Siamo nel 2007. L’operazione “Terra bruciata” condotta dal Nucleo della Polizia Tributaria di Siracusa, porta all’arresto di 70 affiliati al clan mafioso “Bottaro-Attanasio”, per reati vari, come usura, narcotraffico, associazione per delinquere di stampo mafioso, estorsione.

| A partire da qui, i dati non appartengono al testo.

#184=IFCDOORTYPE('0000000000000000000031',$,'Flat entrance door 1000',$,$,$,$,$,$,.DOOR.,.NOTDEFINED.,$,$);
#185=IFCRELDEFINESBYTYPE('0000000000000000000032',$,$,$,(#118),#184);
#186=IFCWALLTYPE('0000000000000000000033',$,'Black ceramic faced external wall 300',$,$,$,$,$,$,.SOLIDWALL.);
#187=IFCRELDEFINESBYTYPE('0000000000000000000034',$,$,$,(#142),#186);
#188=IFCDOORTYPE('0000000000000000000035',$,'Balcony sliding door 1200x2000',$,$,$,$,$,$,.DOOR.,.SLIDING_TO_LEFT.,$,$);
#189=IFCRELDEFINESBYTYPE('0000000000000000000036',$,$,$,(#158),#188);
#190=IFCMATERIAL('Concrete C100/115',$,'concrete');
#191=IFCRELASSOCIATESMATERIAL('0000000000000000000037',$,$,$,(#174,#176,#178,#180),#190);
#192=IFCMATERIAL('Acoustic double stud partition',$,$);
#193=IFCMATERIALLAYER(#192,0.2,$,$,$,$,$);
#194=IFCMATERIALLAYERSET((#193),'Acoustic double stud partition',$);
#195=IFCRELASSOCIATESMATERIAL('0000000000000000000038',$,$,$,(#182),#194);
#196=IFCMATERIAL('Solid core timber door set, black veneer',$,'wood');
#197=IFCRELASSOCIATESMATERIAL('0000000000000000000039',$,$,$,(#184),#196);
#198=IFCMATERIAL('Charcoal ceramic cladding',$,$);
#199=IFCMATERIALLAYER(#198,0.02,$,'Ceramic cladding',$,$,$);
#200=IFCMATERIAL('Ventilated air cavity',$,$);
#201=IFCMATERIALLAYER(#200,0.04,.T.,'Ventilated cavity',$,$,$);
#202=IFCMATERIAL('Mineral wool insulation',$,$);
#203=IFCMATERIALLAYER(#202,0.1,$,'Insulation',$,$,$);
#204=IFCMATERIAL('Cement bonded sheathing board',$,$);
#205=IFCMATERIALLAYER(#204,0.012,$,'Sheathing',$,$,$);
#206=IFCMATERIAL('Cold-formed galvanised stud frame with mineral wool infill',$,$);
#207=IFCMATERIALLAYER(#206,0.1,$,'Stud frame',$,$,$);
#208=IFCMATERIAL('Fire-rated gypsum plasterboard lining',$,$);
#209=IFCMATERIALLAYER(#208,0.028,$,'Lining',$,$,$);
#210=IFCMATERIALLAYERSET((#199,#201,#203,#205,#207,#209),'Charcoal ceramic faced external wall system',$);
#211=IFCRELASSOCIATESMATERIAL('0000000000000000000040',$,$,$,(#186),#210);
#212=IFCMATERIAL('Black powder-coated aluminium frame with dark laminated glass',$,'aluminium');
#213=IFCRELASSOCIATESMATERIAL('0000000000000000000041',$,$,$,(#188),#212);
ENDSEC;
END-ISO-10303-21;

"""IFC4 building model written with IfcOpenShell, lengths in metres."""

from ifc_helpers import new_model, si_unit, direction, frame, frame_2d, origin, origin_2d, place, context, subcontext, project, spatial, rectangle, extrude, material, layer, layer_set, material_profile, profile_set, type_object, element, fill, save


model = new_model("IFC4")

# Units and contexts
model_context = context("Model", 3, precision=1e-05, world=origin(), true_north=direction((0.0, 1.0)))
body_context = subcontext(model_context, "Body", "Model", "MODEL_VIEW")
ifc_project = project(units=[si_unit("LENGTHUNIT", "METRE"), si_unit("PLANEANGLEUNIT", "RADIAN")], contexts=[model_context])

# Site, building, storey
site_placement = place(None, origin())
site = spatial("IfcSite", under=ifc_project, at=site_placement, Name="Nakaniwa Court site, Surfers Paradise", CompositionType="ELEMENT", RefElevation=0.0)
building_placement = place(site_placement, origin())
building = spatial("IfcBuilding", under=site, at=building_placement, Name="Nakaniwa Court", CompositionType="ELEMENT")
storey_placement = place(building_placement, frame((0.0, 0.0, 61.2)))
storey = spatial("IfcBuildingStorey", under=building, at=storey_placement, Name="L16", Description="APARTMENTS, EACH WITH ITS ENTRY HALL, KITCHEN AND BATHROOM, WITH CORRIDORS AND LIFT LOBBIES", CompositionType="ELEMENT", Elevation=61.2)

Nell’operazione vengono scoperti beni immobili, autoveicoli, aziende, contanti, di ingente valore intestati a prestanome di membri del clan, subito sequestrati. Questo sembrerebbe semplicemente uno dei numerosi scacchi alla mafia, ma il fatto importante è che quei beni allora sequestrati, nel novembre 2009 sono poi stati confiscati, su disposizione del tribunale di Catania (1) . Così beni per un valore pari a 5 milioni di euro sono stati acquisiti dallo Stato e tolti dalle grinfie della mafia. Un episodio questo, tra i moltissimi, che prendiamo ad emblema di un corso nuovo nella strategia di lotta alle organizzazioni di stampo mafioso. I beni sequestrati possono essere confiscati e destinati a nuova collocazione, in particolare ad uso sociale.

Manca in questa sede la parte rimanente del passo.